Asset Management Will Face Greater Headwinds in 2012: McKinsey Report

Recent resilience masks serious challenges related to costs, productivity and growth

A McKinsey report finds advisors face difficult challenges in growing their businesses. A McKinsey report finds advisors face difficult challenges in growing their businesses.

The U.S. asset management industry’s apparent resilience in the last year and a half has temporarily masked serious challenges related to costs, productivity and growth, according to a report released Wednesday by McKinsey & Co.

These challenges call into question some of the industry’s assumptions concerning the inevitability of profitable growth, says the report, “Entitled Growth in a Time of Uncertainty: The Asset Management Industry in 2015.”

Looking past the return to normal levels of profitability prior to the market declines of third-quarter 2011, the report examines the asset management industry’s underlying performance. The top quartile of asset managers earned an average margin of 46% in 2010, approximately 40 percentage points higher than the bottom quartile of the industry, McKinsey reports.

While assets under management in the second quarter of 2011 surpassed pre-crisis highs, industry profit pools remained 15% lower than pre-crisis highs due to escalating costs and pressure on revenue yields. Growth has proven more elusive than profitability, with only one in five asset managers seeing above-average growth in the past decade.

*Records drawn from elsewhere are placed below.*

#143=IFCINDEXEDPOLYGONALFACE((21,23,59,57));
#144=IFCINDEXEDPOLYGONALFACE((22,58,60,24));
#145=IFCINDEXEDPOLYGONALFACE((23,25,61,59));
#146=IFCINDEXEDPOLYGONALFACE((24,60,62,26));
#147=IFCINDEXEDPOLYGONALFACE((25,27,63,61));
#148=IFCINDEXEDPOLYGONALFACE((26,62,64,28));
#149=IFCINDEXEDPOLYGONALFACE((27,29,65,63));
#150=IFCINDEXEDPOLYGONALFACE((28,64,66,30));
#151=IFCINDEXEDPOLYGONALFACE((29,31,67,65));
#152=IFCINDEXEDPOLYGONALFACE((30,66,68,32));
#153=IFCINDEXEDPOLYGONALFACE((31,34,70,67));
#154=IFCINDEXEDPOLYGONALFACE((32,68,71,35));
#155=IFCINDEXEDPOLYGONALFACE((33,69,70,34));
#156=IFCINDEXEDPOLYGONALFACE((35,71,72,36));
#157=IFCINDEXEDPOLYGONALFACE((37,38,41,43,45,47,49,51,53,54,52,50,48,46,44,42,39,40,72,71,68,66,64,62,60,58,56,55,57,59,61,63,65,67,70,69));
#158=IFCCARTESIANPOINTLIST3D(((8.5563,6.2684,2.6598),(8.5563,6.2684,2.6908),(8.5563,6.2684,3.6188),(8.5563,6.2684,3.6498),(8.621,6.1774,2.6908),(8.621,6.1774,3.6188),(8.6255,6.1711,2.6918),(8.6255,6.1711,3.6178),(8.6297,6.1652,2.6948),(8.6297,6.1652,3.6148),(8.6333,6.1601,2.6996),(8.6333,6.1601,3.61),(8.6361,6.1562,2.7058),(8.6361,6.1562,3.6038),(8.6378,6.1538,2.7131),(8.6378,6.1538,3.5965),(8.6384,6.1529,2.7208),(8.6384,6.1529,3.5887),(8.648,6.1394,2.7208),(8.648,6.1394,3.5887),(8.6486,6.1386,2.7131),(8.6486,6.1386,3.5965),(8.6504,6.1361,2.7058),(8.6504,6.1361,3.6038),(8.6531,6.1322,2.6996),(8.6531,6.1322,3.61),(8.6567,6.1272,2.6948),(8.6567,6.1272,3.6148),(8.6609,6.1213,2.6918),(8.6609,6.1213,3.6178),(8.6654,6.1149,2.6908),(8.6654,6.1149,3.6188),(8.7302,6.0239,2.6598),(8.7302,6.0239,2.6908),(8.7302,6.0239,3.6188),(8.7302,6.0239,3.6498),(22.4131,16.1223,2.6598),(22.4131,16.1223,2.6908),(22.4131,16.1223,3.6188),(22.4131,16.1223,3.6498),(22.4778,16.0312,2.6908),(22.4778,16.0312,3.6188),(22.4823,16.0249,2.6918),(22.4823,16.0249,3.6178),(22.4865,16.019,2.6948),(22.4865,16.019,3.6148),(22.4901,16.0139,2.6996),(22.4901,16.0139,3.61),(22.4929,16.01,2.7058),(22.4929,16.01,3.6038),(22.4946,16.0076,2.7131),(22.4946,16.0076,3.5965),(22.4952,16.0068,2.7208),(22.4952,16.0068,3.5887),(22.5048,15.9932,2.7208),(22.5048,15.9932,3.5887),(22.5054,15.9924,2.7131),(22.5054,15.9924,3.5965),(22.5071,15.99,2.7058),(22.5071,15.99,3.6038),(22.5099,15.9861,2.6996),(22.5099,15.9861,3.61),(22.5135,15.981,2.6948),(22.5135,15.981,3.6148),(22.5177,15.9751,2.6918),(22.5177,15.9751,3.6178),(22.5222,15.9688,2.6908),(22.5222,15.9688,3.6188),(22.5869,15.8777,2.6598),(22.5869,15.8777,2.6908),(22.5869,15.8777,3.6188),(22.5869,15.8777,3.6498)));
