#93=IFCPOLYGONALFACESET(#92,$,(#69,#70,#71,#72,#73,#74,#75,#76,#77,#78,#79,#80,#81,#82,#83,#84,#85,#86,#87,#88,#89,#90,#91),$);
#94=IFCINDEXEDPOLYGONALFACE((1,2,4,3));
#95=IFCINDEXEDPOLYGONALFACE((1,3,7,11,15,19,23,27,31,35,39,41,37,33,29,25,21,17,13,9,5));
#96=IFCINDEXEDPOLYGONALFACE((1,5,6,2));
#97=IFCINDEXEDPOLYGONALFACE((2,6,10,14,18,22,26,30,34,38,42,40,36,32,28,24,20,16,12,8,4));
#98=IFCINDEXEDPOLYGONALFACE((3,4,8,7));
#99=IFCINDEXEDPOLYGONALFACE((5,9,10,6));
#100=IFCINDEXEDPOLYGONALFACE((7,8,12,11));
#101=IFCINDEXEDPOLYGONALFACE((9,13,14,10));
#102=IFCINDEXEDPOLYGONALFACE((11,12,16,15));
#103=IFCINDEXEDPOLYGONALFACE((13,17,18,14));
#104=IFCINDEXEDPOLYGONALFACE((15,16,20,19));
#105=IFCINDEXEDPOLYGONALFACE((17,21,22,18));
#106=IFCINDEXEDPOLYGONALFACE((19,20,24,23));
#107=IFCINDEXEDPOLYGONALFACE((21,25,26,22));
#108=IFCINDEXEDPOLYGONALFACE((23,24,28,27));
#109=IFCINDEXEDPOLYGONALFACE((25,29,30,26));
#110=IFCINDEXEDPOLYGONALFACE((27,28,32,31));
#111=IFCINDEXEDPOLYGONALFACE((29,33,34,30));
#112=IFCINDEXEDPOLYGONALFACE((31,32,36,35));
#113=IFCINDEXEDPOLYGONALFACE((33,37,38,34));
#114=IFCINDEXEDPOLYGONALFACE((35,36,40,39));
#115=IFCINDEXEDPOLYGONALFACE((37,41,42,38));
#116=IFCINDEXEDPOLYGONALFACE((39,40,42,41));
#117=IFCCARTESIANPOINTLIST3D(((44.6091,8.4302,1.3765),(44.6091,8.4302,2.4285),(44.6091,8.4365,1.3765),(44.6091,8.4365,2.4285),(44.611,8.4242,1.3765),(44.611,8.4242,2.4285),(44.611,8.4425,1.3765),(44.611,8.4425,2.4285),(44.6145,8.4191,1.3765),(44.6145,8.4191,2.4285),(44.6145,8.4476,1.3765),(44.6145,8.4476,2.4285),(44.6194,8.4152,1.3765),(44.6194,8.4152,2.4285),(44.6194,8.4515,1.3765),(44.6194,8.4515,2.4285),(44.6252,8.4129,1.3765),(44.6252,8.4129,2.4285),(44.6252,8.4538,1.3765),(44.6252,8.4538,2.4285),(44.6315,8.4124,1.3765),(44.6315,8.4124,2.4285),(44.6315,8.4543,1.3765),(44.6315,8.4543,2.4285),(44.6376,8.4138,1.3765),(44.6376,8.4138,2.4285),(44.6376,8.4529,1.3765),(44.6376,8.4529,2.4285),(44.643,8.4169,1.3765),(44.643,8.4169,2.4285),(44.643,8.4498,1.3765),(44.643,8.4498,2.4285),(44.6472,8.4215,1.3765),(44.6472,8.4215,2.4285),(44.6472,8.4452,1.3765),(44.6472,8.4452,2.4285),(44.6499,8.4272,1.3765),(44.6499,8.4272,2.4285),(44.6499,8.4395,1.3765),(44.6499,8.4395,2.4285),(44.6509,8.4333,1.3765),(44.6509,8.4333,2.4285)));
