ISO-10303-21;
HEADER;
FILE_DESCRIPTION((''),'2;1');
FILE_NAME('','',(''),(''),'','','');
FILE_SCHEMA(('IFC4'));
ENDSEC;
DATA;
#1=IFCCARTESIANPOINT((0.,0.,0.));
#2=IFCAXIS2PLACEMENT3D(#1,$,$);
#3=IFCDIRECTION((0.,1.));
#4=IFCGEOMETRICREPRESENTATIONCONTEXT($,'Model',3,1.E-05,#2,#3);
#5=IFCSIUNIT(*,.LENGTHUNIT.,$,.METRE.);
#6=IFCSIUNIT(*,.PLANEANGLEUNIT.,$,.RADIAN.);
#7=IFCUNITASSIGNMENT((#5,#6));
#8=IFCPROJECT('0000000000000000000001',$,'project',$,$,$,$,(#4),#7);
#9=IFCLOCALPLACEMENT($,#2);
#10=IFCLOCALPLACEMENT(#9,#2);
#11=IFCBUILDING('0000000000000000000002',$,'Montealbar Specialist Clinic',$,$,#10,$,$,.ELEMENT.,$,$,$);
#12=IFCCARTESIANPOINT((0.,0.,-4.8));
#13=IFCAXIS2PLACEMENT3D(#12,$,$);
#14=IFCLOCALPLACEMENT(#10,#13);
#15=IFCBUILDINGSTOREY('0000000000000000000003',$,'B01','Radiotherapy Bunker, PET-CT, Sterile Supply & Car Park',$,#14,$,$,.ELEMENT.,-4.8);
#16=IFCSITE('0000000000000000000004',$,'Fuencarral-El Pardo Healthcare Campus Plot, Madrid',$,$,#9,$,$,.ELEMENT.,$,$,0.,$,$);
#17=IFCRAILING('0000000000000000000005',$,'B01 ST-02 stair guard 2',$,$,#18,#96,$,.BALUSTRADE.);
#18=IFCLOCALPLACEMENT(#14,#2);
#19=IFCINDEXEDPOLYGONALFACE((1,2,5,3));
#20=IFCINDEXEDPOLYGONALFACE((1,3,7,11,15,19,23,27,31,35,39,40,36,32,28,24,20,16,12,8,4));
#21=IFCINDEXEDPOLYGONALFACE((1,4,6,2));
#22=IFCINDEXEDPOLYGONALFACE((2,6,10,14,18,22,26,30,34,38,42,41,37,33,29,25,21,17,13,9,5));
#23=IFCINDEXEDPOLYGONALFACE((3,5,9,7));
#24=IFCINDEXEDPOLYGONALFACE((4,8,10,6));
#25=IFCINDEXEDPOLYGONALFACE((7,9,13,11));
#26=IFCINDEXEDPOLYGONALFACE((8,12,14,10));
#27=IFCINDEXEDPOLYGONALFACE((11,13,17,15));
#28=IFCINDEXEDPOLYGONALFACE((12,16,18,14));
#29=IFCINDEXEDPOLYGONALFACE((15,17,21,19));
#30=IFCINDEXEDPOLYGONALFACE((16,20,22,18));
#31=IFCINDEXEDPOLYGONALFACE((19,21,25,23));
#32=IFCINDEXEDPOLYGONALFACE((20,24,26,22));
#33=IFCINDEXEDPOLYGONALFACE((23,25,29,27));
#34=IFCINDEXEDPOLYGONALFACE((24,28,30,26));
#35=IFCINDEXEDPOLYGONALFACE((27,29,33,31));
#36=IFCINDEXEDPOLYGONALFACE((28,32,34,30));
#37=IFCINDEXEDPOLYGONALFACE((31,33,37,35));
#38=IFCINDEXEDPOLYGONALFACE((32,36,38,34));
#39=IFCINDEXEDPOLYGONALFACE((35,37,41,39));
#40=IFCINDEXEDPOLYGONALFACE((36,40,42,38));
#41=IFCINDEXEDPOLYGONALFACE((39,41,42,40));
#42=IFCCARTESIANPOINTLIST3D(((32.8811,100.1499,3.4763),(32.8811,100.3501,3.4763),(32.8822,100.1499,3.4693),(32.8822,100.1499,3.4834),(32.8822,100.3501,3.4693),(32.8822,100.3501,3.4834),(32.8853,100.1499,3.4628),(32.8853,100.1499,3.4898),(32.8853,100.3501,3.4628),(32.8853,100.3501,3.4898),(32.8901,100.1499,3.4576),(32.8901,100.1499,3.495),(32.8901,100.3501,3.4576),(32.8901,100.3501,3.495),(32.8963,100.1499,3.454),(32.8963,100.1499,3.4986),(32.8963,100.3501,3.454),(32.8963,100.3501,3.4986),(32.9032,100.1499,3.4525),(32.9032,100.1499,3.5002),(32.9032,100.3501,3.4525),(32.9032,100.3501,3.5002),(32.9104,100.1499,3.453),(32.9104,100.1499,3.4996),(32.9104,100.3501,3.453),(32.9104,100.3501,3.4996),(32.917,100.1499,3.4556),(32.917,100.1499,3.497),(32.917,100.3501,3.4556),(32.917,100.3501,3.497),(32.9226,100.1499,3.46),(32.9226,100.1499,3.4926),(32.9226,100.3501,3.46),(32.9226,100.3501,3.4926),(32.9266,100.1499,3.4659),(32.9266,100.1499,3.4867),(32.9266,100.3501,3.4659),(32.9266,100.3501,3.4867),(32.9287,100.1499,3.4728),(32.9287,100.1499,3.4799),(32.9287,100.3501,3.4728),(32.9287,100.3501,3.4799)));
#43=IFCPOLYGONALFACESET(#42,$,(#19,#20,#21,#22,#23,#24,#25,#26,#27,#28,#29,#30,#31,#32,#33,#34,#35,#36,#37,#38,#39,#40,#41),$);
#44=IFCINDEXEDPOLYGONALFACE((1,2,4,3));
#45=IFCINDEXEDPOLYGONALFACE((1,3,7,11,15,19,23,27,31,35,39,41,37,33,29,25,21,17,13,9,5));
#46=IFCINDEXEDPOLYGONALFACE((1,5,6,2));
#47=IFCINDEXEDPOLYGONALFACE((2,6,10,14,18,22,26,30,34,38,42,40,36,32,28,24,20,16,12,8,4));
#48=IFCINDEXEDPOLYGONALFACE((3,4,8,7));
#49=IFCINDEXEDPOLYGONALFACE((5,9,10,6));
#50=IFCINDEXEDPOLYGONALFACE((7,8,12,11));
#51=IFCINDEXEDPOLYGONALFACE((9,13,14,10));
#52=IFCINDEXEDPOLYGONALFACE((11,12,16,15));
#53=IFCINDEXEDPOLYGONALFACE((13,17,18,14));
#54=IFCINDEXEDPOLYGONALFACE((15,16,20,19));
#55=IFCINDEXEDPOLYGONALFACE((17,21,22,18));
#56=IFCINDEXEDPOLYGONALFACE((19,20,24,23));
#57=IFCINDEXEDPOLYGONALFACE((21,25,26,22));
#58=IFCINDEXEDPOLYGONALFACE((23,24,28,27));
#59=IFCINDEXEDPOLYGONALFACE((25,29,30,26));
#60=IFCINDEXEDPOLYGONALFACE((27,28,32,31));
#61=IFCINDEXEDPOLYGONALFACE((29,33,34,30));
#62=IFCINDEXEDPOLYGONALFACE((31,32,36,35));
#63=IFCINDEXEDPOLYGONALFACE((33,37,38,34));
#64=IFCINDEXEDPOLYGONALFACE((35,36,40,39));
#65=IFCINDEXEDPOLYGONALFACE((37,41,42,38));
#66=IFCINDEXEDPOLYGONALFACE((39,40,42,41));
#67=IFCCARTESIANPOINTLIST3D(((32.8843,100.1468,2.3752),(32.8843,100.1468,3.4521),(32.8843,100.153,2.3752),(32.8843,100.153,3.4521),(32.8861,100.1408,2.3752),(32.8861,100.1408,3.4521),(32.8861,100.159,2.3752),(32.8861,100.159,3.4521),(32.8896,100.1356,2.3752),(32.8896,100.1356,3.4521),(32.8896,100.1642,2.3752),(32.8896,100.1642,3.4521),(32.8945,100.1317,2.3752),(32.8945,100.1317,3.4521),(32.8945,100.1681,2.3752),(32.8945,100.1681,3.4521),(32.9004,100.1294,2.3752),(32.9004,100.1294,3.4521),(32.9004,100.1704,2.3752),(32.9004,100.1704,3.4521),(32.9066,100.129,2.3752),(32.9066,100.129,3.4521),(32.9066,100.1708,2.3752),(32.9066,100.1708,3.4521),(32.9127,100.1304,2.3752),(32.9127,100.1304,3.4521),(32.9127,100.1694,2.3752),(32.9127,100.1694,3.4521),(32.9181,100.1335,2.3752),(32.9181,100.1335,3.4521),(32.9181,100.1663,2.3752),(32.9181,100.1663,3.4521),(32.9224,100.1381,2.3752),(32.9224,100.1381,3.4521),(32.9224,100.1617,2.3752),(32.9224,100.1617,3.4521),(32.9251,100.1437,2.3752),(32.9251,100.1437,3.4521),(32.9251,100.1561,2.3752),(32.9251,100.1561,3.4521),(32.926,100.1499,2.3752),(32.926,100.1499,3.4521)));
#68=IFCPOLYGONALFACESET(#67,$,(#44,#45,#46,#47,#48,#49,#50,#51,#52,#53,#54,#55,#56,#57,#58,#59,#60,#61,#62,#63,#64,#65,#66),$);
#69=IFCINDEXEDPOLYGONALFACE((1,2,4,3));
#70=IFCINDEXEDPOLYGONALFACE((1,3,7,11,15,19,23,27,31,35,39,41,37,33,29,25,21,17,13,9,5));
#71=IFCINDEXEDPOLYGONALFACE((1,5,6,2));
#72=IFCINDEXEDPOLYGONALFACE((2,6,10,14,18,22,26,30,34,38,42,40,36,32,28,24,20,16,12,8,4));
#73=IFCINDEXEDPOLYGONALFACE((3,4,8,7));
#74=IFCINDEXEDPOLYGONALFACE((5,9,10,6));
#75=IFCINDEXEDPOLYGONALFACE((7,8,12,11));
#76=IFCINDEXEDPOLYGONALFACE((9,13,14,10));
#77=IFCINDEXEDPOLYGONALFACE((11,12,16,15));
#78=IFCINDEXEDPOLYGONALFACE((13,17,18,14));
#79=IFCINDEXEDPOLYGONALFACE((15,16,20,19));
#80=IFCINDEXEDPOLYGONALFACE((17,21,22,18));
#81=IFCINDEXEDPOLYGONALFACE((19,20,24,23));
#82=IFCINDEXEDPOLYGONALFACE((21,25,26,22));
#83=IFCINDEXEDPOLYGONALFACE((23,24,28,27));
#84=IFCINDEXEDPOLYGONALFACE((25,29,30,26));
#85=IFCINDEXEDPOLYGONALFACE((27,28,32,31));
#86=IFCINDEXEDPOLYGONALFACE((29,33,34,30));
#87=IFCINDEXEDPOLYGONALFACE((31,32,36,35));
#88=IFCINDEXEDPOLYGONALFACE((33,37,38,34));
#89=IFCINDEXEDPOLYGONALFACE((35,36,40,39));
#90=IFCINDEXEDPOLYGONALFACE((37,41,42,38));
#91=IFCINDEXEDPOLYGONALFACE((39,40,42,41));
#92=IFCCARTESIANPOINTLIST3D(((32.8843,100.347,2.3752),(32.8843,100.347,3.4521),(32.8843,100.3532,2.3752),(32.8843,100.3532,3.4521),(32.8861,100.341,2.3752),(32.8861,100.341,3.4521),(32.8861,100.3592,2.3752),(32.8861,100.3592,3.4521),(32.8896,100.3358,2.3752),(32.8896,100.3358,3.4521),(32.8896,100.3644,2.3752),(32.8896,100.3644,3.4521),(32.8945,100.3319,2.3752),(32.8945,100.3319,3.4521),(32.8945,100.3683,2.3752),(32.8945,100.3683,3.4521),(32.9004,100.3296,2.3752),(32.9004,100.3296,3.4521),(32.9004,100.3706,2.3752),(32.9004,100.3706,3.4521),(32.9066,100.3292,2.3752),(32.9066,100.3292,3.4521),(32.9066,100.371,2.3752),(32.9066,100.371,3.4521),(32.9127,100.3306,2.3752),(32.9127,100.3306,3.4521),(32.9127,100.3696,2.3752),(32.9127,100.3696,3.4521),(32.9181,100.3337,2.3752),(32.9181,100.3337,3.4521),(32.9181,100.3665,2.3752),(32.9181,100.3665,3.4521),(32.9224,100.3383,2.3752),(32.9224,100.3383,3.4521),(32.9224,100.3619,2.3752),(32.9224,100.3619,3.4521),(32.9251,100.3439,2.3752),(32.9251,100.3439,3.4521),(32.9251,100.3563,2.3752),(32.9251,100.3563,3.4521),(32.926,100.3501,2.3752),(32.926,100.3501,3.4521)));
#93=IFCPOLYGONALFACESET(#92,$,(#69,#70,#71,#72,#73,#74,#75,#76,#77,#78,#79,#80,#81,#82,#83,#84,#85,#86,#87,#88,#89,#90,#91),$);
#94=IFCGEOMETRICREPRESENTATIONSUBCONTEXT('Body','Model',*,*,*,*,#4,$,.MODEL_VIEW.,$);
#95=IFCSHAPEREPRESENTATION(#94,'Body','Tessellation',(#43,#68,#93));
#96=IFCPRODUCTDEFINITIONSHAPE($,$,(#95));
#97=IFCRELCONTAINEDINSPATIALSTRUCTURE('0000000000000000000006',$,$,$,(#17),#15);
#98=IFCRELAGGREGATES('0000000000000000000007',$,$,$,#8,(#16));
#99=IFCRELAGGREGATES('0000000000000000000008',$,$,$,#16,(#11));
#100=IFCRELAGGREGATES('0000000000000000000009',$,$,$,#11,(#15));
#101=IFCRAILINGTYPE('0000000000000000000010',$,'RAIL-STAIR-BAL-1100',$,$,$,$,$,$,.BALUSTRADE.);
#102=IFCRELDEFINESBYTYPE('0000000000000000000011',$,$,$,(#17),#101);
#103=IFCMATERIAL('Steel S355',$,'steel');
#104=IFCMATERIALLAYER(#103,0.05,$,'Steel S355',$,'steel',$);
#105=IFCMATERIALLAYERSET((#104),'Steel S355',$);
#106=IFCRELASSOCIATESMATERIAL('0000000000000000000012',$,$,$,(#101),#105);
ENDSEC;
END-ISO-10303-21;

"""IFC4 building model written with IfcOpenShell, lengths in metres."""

from ifc_helpers import new_model, si_unit, direction, frame, origin, origin_2d, place, context, subcontext, project, spatial, circle, extrude, material, layer, layer_set, type_object, element, save


model = new_model("IFC4")

# Units and contexts
model_context = context("Model", 3, precision=1e-05, world=origin(), true_north=direction((0.0, 1.0)))
body_context = subcontext(model_context, "Body", "Model", "MODEL_VIEW")
ifc_project = project(units=[si_unit("LENGTHUNIT", "METRE"), si_unit("PLANEANGLEUNIT", "RADIAN")], contexts=[model_context])

# Site, building, storey
site_placement = place(None, origin())
site = spatial("IfcSite", under=ifc_project, at=site_placement, Name="Fuencarral-El Pardo Healthcare Campus Plot, Madrid", CompositionType="ELEMENT", RefElevation=0.0)
building_placement = place(site_placement, origin())
building = spatial("IfcBuilding", under=site, at=building_placement, Name="Montealbar Specialist Clinic", CompositionType="ELEMENT")
storey_placement = place(building_placement, frame((0.0, 0.0, -4.8)))
storey = spatial("IfcBuildingStorey", under=building, at=storey_placement, Name="B01", Description="Radiotherapy Bunker, PET-CT, Sterile Supply & Car Park", CompositionType="ELEMENT", Elevation=-4.8)

# Shared definitions
ifc_material_1 = material(Name="Steel S355", Category="steel")

# Railing
ifc_layer_1 = layer(ifc_material_1, 0.05, Name="Steel S355", Category="steel")
ifc_layer_set_1 = layer_set([ifc_layer_1], Name="Steel S355")
railing_type_1 = type_object("IfcRailingType", Name="RAIL-STAIR-BAL-1100", PredefinedType="BALUSTRADE", material=ifc_layer_set_1)
railing_1_placement = place(storey_placement, frame((32.905, 100.1499, 2.4001)))
element("IfcRailing", 1, at=railing_1_placement, inside=storey, type_object=railing_type_1, Name="B01 ST-02 stair guard 2", PredefinedType="BALUSTRADE", context=body_context, shape_type="SweptSolid", body=[
    extrude(circle(Radius=0.0239, at=origin_2d()), frame((0.0, 0.0, 1.0762), z_axis=(0.0, 1.0, 0.0), x_axis=(-1.0, 0.0, 0.0)), (0.0, 0.0, 1.0), 0.2002),
    extrude(circle(Radius=0.021, at=origin_2d()), frame((0.0, 0.0, -0.0249)), (0.0, 0.0, 1.0), 1.0769),
    extrude(circle(Radius=0.021, at=origin_2d()), frame((0.0, 0.2002, -0.0249)), (0.0, 0.0, 1.0), 1.0769),
])

save(model, "model.ifc")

McKinsey advises that asset management firms will need to bring “investment-like discipline” to their sales and marketing efforts. Asset managers will also need to take a hard look at their maturing lines of business, such as mutual funds, to determine where they can restructure rather that just reduce costs.

By 2012, McKinsey expects independent asset management firms to increase their share to two-thirds of industry AUM “as banks and insurance companies continue to divest their asset management businesses, compensation constraints make it increasingly difficult for banks to compete for talent, and the growing differential between valuations for banks and insurance companies versus asset managers makes it a challenge for them to compete for accretive deals.” 

With the market proving unreliable in 2011 and 2012, asset managers will need to tackle the business model issues at the center of rising costs, lower prices and high variability of margins, or risk structurally lower profitability in the years ahead, the report warns.

Looking ahead to 2015, McKinsey cites several trends that will shape the asset management industry and provide the most significant opportunities for growth over the next three years. Among the major areas of growth will be retail alternative products, retirement solutions, ETFs and emerging markets.